The purpose of a decentralized exchange is generally the same as a centralized cryptocurrency exchange: to facilitate the purchase and sale of cryptocurrency and other crypto-adjacent assets. With this basic goal in mind, both centralized and decentralized exchanges can allow investors to participate in a number of different transaction types, from simple cryptocurrency purchases to options placing and futures betting.
Perhaps the more relevant question is what is the purpose of decentralizing exchanges. As mentioned earlier, a decentralized exchange is one in which there is no centralized authority between two or more individuals involved in a transaction. Or, at least, no man authority does.
In theory, cryptocurrency purchases and sales are issued through decentralized exchanges carried out by smart contracts.

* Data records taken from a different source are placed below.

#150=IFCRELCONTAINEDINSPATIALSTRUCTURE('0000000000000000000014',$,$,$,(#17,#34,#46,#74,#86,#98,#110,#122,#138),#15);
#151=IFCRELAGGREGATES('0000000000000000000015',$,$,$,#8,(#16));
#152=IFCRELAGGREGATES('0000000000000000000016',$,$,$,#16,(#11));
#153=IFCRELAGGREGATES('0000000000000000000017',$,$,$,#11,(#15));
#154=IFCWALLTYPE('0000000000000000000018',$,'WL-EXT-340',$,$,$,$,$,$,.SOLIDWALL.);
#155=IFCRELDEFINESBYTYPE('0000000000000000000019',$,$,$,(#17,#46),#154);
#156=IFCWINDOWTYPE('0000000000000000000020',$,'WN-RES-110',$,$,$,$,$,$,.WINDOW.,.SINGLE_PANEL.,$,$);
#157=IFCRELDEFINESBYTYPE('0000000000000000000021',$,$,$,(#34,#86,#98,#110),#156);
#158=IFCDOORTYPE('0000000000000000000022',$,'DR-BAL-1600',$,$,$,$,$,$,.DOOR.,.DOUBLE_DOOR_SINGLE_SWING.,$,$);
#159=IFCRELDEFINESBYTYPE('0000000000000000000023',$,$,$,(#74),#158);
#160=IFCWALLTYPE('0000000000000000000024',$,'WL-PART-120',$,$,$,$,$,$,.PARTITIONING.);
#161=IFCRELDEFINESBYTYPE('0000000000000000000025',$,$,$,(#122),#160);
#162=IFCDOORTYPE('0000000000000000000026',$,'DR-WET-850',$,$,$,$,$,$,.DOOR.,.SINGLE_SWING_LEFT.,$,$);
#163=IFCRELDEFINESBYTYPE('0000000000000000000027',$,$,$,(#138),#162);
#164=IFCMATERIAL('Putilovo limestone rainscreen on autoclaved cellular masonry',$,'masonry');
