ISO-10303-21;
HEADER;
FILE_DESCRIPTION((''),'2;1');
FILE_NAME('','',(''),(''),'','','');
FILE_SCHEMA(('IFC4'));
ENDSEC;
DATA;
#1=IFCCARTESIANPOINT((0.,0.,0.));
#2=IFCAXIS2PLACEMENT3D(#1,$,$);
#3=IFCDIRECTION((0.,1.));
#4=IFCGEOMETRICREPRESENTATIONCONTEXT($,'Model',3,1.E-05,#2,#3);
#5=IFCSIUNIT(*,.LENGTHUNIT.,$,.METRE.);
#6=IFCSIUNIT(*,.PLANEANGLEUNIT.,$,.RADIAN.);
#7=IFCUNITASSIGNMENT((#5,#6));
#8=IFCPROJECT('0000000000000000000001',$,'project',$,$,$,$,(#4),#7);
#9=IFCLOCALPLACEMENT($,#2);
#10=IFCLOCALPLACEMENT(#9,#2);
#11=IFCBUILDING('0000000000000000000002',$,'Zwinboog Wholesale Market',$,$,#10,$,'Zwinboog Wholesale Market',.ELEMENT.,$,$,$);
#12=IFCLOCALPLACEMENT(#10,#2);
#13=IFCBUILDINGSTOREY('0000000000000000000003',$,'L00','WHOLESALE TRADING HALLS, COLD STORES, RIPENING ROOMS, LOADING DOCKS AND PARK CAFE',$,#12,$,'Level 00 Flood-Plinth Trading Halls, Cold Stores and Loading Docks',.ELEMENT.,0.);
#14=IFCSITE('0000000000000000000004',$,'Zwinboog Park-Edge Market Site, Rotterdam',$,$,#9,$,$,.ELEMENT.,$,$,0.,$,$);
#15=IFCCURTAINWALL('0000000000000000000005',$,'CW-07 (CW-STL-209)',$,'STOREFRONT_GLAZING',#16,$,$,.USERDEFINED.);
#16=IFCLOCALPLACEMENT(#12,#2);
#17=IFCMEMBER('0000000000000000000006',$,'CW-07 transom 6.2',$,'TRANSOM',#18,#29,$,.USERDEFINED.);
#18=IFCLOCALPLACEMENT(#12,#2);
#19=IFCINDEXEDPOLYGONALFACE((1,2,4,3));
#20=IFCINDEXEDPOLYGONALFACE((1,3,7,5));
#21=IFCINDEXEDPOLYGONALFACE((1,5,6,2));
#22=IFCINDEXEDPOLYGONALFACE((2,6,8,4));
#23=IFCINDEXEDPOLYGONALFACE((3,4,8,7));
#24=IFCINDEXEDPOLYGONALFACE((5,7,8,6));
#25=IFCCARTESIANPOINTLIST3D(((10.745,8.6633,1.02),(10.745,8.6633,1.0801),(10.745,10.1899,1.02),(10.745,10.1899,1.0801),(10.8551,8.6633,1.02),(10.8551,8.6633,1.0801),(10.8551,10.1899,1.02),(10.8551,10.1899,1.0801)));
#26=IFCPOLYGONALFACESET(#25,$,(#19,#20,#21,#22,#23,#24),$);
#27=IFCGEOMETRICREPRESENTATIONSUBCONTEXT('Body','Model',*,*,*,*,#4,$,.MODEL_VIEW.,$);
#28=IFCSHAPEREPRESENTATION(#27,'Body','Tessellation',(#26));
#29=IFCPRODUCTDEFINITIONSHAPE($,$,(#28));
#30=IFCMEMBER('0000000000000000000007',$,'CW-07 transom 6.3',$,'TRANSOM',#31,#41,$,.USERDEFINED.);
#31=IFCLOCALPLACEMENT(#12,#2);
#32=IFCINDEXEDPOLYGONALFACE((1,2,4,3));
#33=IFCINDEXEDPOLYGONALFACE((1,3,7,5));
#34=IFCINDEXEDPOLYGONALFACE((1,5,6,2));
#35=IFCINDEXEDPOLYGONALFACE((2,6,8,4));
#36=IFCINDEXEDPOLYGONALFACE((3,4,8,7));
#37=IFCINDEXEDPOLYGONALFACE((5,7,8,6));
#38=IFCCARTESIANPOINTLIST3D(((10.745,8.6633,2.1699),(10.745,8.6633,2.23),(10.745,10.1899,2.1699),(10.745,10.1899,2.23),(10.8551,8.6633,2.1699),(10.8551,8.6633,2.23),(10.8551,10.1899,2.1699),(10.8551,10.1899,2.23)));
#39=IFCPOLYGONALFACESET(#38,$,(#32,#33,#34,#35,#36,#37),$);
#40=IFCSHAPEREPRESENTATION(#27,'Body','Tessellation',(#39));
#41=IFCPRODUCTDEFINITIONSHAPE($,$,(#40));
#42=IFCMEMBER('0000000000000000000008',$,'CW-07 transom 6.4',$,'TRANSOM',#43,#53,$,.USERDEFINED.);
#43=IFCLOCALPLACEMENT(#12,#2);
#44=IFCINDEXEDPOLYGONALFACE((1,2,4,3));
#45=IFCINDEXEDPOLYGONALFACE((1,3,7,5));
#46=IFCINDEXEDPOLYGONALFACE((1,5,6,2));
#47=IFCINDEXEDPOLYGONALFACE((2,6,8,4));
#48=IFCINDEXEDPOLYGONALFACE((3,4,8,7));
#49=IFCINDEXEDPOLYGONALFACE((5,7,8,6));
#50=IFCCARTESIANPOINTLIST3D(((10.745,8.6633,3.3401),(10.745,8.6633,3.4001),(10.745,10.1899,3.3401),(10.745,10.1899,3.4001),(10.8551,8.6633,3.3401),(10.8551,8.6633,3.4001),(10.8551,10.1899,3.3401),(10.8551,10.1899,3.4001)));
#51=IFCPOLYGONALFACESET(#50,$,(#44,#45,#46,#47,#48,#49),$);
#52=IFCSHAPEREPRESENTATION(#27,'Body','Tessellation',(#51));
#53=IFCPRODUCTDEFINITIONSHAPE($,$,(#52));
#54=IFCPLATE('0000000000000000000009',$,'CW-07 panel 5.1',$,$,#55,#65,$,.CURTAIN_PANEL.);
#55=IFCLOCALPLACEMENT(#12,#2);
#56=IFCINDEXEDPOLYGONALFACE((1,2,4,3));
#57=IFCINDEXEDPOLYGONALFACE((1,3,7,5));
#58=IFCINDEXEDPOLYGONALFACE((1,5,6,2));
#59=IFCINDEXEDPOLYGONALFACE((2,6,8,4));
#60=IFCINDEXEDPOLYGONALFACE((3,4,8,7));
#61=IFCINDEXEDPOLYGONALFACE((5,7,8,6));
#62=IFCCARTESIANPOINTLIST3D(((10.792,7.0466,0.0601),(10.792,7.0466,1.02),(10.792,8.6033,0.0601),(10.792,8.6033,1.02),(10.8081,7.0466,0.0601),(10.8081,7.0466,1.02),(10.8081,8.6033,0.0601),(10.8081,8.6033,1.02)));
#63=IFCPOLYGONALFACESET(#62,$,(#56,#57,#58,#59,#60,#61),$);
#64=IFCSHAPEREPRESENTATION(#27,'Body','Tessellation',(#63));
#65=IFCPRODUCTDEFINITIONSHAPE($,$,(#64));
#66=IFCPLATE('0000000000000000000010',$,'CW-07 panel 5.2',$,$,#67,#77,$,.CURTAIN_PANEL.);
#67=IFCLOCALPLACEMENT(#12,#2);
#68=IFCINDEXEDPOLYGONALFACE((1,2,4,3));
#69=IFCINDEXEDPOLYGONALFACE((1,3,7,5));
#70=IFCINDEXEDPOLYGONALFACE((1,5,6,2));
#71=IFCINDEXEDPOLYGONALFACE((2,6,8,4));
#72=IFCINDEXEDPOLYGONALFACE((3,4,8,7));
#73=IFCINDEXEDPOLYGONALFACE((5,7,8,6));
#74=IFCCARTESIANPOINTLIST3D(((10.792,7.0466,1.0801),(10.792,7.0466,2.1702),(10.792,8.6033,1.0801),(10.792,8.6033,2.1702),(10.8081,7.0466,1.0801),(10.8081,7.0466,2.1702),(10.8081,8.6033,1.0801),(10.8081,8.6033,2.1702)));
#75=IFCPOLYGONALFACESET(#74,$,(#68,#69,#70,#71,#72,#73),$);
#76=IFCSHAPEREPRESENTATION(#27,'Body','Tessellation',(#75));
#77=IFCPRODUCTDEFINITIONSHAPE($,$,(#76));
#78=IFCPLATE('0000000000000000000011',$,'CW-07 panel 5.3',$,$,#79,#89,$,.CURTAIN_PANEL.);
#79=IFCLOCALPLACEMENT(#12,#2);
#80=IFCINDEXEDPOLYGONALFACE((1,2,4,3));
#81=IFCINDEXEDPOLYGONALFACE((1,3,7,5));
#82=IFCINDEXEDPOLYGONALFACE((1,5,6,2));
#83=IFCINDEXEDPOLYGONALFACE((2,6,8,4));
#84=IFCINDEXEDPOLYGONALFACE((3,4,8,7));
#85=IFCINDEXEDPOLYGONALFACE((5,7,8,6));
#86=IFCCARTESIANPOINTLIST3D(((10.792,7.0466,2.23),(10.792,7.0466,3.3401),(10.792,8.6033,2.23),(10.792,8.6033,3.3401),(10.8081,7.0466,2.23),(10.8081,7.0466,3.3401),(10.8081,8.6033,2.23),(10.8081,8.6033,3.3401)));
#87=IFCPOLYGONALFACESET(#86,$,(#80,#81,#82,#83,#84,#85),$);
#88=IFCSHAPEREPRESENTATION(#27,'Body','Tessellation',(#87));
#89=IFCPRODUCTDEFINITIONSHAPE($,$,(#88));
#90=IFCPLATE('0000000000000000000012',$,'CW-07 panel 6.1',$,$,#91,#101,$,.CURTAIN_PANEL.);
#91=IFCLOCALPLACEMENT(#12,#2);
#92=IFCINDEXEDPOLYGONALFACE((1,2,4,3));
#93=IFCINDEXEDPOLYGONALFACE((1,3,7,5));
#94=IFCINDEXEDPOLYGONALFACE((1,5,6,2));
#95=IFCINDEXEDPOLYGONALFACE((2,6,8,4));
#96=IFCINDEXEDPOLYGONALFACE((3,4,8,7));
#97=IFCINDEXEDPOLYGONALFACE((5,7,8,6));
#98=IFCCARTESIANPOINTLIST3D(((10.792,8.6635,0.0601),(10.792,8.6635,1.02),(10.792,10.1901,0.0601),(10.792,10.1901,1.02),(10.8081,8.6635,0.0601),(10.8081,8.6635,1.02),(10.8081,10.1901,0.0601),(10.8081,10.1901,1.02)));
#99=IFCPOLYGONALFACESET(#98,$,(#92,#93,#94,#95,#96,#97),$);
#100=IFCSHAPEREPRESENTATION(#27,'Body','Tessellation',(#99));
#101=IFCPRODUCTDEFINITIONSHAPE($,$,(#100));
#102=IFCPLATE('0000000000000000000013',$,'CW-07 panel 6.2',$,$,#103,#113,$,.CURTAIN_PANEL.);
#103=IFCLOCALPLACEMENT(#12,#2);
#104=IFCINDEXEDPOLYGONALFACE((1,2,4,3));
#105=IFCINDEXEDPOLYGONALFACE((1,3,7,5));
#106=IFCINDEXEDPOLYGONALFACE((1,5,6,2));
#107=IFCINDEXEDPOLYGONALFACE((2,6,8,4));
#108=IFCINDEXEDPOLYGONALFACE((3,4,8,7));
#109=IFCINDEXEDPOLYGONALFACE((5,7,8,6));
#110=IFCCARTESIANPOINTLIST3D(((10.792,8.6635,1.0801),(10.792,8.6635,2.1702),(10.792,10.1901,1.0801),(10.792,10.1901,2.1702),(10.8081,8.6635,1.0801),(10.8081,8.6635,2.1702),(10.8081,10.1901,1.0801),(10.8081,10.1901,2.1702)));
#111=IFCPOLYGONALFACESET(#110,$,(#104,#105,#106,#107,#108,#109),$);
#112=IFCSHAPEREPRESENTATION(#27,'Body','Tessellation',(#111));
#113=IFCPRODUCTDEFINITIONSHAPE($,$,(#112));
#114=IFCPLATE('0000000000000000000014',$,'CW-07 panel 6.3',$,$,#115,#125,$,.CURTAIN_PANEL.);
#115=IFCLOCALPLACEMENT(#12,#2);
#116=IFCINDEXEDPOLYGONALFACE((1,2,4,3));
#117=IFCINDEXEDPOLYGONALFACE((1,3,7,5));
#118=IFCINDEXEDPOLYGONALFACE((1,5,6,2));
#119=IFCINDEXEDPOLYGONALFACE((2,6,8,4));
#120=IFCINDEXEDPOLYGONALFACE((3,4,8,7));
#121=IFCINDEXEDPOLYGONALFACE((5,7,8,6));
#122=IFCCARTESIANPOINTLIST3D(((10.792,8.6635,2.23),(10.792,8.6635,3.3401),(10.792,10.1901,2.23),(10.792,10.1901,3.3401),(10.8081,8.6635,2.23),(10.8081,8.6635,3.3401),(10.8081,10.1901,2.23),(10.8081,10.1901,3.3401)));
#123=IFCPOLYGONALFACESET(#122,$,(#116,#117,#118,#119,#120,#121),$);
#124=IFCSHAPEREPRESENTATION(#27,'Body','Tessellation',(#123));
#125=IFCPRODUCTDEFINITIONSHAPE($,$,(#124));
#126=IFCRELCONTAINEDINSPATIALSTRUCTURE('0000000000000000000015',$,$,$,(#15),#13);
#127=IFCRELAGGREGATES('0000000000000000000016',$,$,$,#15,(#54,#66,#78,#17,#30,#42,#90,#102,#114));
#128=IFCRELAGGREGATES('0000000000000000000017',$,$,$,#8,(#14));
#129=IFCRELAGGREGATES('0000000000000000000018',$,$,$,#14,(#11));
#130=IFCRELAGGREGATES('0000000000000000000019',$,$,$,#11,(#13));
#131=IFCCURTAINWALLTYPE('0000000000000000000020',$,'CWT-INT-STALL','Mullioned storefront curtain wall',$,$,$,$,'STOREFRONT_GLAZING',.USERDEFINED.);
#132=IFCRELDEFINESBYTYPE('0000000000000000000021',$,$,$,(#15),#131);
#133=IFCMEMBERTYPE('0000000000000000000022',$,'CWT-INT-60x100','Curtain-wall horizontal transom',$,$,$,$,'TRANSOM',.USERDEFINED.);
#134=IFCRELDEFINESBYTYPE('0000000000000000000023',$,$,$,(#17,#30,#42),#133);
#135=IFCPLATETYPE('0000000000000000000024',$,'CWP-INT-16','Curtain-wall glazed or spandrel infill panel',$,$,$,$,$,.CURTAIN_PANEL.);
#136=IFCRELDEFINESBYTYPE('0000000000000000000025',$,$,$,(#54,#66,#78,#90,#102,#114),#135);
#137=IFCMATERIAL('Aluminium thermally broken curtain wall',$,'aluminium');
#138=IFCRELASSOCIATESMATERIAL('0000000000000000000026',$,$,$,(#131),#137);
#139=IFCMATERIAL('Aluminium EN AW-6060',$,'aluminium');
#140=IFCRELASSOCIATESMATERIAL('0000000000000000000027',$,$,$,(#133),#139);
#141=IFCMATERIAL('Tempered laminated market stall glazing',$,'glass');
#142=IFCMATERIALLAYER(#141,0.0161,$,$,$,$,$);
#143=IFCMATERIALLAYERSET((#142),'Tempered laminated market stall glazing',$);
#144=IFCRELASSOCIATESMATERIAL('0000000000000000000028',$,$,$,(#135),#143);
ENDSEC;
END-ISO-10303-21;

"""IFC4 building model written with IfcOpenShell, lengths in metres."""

from ifc_helpers import new_model, si_unit, direction, frame, origin, origin_2d, place, context, subcontext, project, spatial, rectangle, extrude, material, layer, layer_set, material_profile, profile_set, type_object, element, aggregate, save


model = new_model("IFC4")

# Units and contexts
model_context = context("Model", 3, precision=1e-05, world=origin(), true_north=direction((0.0, 1.0)))
body_context = subcontext(model_context, "Body", "Model", "MODEL_VIEW")
ifc_project = project(units=[si_unit("LENGTHUNIT", "METRE"), si_unit("PLANEANGLEUNIT", "RADIAN")], contexts=[model_context])

# Site, building, storey
site_placement = place(None, origin())
site = spatial("IfcSite", under=ifc_project, at=site_placement, Name="Zwinboog Park-Edge Market Site, Rotterdam", CompositionType="ELEMENT", RefElevation=0.0)
building_placement = place(site_placement, origin())
building = spatial("IfcBuilding", under=site, at=building_placement, Name="Zwinboog Wholesale Market", LongName="Zwinboog Wholesale Market", CompositionType="ELEMENT")
storey_placement = place(building_placement, origin())
storey = spatial("IfcBuildingStorey", under=building, at=storey_placement, Name="L00", Description="WHOLESALE TRADING HALLS, COLD STORES, RIPENING ROOMS, LOADING DOCKS AND PARK CAFE", LongName="Level 00 Flood-Plinth Trading Halls, Cold Stores and Loading Docks", CompositionType="ELEMENT", Elevation=0.0)

# Curtain wall, members, plates
ifc_material_1 = material(Name="Aluminium thermally broken curtain wall", Category="aluminium")
curtain_wall_type = type_object("IfcCurtainWallType", Name="CWT-INT-STALL", Description="Mullioned storefront curtain wall", ElementType="STOREFRONT_GLAZING", PredefinedType="USERDEFINED", material=ifc_material_1)
curtain_wall_placement = place(storey_placement, origin())
curtain_wall = element("IfcCurtainWall", 1, at=curtain_wall_placement, inside=storey, type_object=curtain_wall_type, Name="CW-07 (CW-STL-209)", ObjectType="STOREFRONT_GLAZING", PredefinedType="USERDEFINED")
ifc_material_2 = material(Name="Aluminium EN AW-6060", Category="aluminium")
ifc_material_profile_1 = material_profile(ifc_material_2, rectangle(XDim=0.1101, YDim=0.0601, at=origin_2d()), Name="AL 60x110")
ifc_profile_set_1 = profile_set([ifc_material_profile_1], Name="Aluminium EN AW-6060")
member_type_1 = type_object("IfcMemberType", Name="CWT-INT-60x100", Description="Curtain-wall horizontal transom", ElementType="TRANSOM", PredefinedType="USERDEFINED", material=ifc_profile_set_1)
member_1_placement = place(storey_placement, frame((10.8, 8.6633, 1.05), z_axis=(0.0, 1.0, 0.0), x_axis=(-1.0, 0.0, 0.0)))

Rather than the human stock market administrators raising and paying out money to buyers and sellers, they run themselves smart contracts handling each transaction.
From the simplest of points of view, the benefits of a decentralized exchange can include:
- A lesser need to trust a central authority to act ethically
- Lower management costs
- Democratic participation in exchange-related management decisions by participants in an exchange
- More flexibility in terms of offering, buying and selling less common tokens, such as explains the Stanford Journal of Blockchain Law & Policy
However, there are some risks associated with these potential benefits.

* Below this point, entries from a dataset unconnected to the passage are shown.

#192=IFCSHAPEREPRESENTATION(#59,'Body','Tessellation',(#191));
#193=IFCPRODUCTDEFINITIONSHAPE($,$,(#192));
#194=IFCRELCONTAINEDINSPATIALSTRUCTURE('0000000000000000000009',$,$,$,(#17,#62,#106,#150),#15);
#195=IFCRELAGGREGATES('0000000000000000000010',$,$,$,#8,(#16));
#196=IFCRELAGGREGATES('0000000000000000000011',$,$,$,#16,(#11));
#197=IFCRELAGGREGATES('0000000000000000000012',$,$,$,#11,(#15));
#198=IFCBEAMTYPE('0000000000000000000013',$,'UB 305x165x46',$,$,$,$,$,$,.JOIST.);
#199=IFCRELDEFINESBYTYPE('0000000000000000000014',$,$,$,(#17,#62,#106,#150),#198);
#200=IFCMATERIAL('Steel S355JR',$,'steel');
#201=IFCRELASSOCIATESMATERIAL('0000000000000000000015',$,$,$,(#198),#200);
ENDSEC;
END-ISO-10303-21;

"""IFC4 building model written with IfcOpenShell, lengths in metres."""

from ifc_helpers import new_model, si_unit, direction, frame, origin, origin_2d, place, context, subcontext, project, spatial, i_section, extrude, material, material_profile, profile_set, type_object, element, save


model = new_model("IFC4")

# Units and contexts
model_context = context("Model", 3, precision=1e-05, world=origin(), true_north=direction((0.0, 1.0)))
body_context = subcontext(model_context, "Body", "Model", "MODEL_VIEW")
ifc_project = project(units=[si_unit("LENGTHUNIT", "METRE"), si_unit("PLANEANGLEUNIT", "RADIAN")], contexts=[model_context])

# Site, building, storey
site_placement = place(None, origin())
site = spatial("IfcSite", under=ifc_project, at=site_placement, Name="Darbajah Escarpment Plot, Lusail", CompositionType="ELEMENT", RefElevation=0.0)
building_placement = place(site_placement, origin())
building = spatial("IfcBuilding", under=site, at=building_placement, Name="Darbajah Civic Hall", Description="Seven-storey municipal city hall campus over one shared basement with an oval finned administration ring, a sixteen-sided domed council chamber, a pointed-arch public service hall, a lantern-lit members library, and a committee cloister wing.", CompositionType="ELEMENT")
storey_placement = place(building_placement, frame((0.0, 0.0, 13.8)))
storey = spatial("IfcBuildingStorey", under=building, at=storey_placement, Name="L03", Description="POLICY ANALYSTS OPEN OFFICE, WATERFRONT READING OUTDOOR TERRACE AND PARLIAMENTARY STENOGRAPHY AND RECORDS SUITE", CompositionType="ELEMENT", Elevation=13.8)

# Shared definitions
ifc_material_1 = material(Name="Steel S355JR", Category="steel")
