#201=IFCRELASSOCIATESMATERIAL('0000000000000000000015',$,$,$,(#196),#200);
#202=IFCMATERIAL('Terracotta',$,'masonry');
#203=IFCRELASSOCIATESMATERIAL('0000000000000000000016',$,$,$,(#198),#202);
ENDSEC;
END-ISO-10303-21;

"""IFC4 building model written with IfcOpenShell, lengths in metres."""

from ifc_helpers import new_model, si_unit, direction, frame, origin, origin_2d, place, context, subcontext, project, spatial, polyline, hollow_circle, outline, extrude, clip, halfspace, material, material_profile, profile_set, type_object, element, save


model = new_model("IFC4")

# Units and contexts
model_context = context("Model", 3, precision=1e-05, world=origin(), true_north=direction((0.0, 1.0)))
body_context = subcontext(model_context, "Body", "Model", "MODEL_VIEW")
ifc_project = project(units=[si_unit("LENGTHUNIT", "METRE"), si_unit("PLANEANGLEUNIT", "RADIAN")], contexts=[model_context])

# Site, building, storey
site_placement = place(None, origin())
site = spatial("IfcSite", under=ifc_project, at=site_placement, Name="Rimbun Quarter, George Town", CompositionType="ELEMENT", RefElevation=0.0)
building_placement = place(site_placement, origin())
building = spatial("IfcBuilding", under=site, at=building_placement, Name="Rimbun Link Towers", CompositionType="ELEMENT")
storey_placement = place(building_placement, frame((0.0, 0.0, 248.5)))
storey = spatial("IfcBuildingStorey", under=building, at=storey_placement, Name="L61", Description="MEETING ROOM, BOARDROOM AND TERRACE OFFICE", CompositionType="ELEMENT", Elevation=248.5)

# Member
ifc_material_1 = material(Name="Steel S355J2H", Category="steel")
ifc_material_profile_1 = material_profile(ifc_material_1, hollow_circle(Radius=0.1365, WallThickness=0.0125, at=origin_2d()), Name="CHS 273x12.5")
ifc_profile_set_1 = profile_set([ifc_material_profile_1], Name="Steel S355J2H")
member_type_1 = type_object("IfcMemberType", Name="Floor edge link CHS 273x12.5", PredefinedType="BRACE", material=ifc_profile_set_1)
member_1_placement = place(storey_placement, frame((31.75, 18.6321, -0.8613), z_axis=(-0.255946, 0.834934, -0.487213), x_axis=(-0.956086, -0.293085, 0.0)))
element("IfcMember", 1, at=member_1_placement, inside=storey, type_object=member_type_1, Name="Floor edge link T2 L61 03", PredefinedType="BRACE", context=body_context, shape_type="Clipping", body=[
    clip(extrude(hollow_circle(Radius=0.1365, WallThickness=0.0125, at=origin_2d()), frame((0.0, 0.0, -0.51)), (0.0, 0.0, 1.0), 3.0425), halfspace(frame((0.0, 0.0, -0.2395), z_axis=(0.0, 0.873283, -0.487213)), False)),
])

What are the drawbacks of decentralized exchanges?
Recent history has shown that there is the ideal of decentralized exchanges (to decentralize, decentralize, and then decentralize some more), and then there are more practical alternatives.
Full decentralization means:
- No central authority
- Confirming every transaction through every node in a blockchain
- Increased security through distributed hosting
- Keeping a comprehensive, permanent ledger of transactions on a blockchain
The main downside to this ideal is that transactions can get both slow and expensive.

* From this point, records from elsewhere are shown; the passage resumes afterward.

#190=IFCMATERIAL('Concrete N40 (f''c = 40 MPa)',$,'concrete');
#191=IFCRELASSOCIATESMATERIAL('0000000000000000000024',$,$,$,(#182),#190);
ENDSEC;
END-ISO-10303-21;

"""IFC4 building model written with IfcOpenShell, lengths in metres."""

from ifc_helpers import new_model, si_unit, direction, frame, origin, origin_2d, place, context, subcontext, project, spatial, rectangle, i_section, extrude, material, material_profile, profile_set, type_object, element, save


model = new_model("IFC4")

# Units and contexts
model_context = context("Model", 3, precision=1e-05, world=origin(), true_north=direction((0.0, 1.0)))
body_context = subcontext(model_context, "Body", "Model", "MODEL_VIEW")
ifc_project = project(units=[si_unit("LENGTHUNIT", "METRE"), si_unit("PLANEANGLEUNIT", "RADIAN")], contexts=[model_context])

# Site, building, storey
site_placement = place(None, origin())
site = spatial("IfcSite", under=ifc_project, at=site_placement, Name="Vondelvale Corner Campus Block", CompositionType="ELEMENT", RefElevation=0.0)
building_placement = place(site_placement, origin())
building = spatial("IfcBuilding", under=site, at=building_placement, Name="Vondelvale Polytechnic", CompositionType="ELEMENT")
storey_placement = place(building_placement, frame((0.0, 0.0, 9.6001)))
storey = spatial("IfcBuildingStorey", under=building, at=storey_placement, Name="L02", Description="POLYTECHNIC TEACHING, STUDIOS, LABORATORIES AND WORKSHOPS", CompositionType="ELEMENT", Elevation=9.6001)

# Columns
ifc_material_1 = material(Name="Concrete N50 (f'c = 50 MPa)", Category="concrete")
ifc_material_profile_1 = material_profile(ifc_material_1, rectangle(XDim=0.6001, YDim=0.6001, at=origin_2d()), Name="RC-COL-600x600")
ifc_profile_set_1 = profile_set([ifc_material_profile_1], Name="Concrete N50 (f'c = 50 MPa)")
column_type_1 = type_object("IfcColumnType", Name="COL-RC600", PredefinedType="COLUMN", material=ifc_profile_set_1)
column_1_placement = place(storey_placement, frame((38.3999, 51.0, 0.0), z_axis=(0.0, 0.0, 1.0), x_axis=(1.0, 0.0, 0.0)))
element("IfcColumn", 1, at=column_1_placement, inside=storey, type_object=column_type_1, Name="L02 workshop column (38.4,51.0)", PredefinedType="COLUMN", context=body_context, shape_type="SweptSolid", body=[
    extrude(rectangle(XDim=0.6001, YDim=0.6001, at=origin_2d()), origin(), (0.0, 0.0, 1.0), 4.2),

To minimize these drawbacks of full decentralization, hybrid models of decentralized exchanges have emerged. Decentralized exchanges with off-chain order books are an example of how DEXs can outsource elements of their exchange outside the blockchain in the name of efficiency.
Exchanges with off-chain order books can still use smart contracts to some extent to ensure the integrity of a transaction. However, they can also rely on people outside the chain to fulfill certain orders manually. The purpose of this is to prevent a particular blockchain pipeline from clogging with too many orders on it. The downside is the addition of third parties, which generally puts any blockchain-linked system further away from the ideal of true decentralization. This balance of uber decentralization and scalability is one that every decentralized exchange must achieve in its own unique way.
What is the current state of decentralized exchanges?
Decentralized exchanges have fallen in line with the broader trend in decentralized financing (DeFi): growth. The general uncertainty that defined 2020 has further accelerated investment in decentralized exchanges. CoinTelegraph notes that a specific brand of algorithm-driven decentralized exchange known as automated market makers (SMPs) is particularly popular right now.
While the big question seems to be proof of the value of decentralized exchanges, some concerns remain. One concern is the scalability of blockchains as the number of transactions in a given chain increases. This concern strikes another problem: the relative slowness of transactions on decentralized exchanges compared to centralized alternatives.
As decentralized exchanges continue to feel the right mix of centralized speed and decentralized security, the hope is that products will continue to evolve to meet the high demand for decentralized exchanges.